Tag Archives: reading

I Just Read: Dracula (1897)

I got the post-book blues bad. It’s been a long time since I had them this bad. All because I read Dracula.

I’ve tried to read Dracula before, a couple of years ago. I was turned off by the constant shifts in the book between letters, diaries and paper articles, which left me confused. This time, though, I managed to get used to it halfway through the book, so it wasn’t that bad this time. I also knew about it when I started reading the book.

And what a book! It is so beautiful.

Listen to them. Children of the night. What music they make

Most of you know the story of Dracula, I guess. The old Transylvanian count that wants to go to London. And all that follows.

Welcome to my house! Enter freely. Go safely, and leave something of the happiness you bring!

The language is so beautiful. It has a certain poetic thing that only books up until sometime during the first part of the 1900s has. It makes the book a bit harder to read, because you need to use more of your attention to get those small details. But Dracula is a really good book, so it is definitely worth the effort.

And now, after finishing it, I have a serious case of the post-book blues.

Books!

I love books.

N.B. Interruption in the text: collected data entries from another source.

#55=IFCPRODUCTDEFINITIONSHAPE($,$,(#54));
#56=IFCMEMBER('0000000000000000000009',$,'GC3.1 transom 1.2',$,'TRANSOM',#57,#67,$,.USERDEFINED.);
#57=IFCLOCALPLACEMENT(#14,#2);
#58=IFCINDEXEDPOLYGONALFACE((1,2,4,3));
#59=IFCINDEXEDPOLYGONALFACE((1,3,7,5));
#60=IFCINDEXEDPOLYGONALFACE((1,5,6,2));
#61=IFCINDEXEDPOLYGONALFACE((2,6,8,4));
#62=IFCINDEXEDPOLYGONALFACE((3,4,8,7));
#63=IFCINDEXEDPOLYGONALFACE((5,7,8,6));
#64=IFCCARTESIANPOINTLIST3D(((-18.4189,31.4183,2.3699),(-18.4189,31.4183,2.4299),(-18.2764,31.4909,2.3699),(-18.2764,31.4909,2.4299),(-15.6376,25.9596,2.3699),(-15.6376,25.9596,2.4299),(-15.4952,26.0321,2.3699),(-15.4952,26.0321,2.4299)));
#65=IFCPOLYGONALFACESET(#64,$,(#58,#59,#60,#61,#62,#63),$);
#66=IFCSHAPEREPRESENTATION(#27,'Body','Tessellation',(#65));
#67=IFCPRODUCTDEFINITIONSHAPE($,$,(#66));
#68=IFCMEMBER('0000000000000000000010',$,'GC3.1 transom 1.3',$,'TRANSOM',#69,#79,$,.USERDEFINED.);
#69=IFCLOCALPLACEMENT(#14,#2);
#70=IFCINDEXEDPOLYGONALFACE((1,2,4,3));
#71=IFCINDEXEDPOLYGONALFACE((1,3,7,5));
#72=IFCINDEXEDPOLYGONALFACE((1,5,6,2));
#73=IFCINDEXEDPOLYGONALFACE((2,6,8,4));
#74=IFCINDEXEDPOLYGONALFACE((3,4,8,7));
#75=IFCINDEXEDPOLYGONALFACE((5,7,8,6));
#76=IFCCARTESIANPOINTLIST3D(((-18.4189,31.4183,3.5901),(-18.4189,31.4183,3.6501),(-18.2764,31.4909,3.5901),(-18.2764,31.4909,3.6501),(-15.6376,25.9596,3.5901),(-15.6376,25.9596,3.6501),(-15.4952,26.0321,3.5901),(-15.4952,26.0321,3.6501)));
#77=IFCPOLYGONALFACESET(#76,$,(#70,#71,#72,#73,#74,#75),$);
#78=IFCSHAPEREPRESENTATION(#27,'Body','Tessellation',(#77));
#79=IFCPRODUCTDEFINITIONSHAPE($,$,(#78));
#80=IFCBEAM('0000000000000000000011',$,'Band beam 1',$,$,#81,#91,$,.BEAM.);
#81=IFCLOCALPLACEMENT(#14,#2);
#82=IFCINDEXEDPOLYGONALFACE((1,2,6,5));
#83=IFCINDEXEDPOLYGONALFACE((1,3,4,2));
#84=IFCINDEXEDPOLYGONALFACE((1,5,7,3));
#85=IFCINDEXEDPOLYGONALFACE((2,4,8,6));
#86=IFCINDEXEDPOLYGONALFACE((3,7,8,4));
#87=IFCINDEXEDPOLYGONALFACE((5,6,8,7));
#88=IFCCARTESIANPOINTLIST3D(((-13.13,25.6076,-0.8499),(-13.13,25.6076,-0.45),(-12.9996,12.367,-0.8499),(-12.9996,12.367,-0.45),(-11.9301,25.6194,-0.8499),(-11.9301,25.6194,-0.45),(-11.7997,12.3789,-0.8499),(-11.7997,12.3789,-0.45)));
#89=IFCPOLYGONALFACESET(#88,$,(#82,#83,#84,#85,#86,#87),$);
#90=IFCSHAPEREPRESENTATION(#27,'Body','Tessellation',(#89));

I’ve loved books since I learned how to read. Actually, I think my love affair with books started even earlier than that, since my dad used to read me stories at bed time when I was a child.

This year, our local writer’s group decided to make a book club. Which is all kinds of awesome, because I get to read some books I might not have picked up otherwise. In January, we read the Night Circus by Erin Morgenstern, which I totally loved, by the way. The book for February is Bram Stoker’s Dracula. Which I own, but never read. So I have it somewhere, but I can’t find it.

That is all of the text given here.